Unknown Armies ist für mich das innovativste Jetztzeit-Rollenspiel. Punkt. Selten nur lässt sich eine Aussage derart klar und unzweifelhaft treffen.
Obwohl die Bücher von William S.Burroughs (Naked Lunch), Chuck Palahniuk (Fight Club), Tim Powers, die tabloid press und die real world chaos magie als „literarische“ Ideenlieferanten dienen, ist UA etwas ganz ganz eigenes. Als Filmvorbilder ließen sich übrigens die Filme Lynch, Finchers, Cronenbergs und vielleicht die Serie Akte X vorsichtig nennen lassen, aber so ganz trifft es die Stimmung des Spiels nicht. UA ist seltsam, trippig, sehr erwachsen, psychologisch, amerikanisch  und mehr als ein wenig psychotisch, immer ein wenig neben der Spur. Ich kenne kein Rollenspiel dass ich anspruchsvoller finde. Don`t get me wrong ich liebe dieses seltsame Gefühl, das nur UA aufkommen lässt. Guckst du ? http://www.unknown-armies.com/

Unknown Armies ist mittlerweile in der hervorragenden zweiten Edition erhältlich und Atlas Games bringen ganz leise so ca. jedes halbe Jahr ein neues Werk raus. Der vorliegende Band To Go, ist ebenso wie Break Today ein Hardcover, das gut gebunden ist und sicherlich lange halten dürfte. Es umfasst 160 Seiten und neben eher mäßigen Illus sind wieder einige wirklich coole, aber etwas bleiche Fotocollagen im Buch zu finden. Die Schriftgröße kommt mir überdimensioniert vor, vielleicht damit auch die geriatrischen Rollenspieler was davon haben ;)

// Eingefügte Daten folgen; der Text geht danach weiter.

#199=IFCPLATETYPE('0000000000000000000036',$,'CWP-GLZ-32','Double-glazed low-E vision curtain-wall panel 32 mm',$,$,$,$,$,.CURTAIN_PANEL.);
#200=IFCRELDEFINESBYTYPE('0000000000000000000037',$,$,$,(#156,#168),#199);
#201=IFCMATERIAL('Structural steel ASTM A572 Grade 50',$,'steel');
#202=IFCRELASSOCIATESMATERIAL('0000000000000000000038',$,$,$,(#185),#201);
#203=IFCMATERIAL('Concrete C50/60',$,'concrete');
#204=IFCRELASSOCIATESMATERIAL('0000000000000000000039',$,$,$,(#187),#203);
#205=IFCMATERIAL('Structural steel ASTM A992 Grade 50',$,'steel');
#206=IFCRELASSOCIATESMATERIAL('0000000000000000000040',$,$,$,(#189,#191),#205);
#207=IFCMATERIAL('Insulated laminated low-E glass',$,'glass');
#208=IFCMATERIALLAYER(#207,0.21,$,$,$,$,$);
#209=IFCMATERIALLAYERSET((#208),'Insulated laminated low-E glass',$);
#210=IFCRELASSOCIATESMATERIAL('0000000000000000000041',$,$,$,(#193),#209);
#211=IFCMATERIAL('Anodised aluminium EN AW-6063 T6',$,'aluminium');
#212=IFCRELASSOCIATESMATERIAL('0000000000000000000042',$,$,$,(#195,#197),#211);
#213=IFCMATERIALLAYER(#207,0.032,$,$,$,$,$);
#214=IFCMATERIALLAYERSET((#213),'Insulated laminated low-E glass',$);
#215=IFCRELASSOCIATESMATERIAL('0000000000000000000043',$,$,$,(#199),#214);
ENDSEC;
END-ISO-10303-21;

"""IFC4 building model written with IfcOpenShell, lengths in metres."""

In Form von „One Shots“ und „Weep“ liegen bereits einige Abenteuer vor, diese sind jedoch in sich abgeschlossen. „To Go“ ist die erste Kampagne für UA, und was für eine ! Was ich hier vor mir liegen habe verschlägt mir schier den Atem. Die Story hier preis zu geben wäre nicht nur unmöglich sondern auch eine Schweinerei. Das Buch liesst sich wie ein Rollenspielroman und man muss höchst aufmerksam lesen um diese zum Teil komplexe Story zu verstehen. Nach einer Zusammenfassung des Plots (die aber eher neugierig macht als Fragen klärt) folgen 15 Seiten mit NPCs, die alle sehr anfassbar sind und auf ihre Weise schräg aber realistisch wirken. Hier kann man ganz schnell mit den Namen durcheinanderkommen.
Tip, gleich Notizen machen, oder gleich ne Mindmap herstellen !
Auf den letzten 110 Seiten findet sich dann die Kampagne, die ich hier in groben Zügen darstellen werde. Ein web enahncement gibt es hier :

http://www.atlas-games.com/pdf_storage/TheGambler.pdf


SPOILER !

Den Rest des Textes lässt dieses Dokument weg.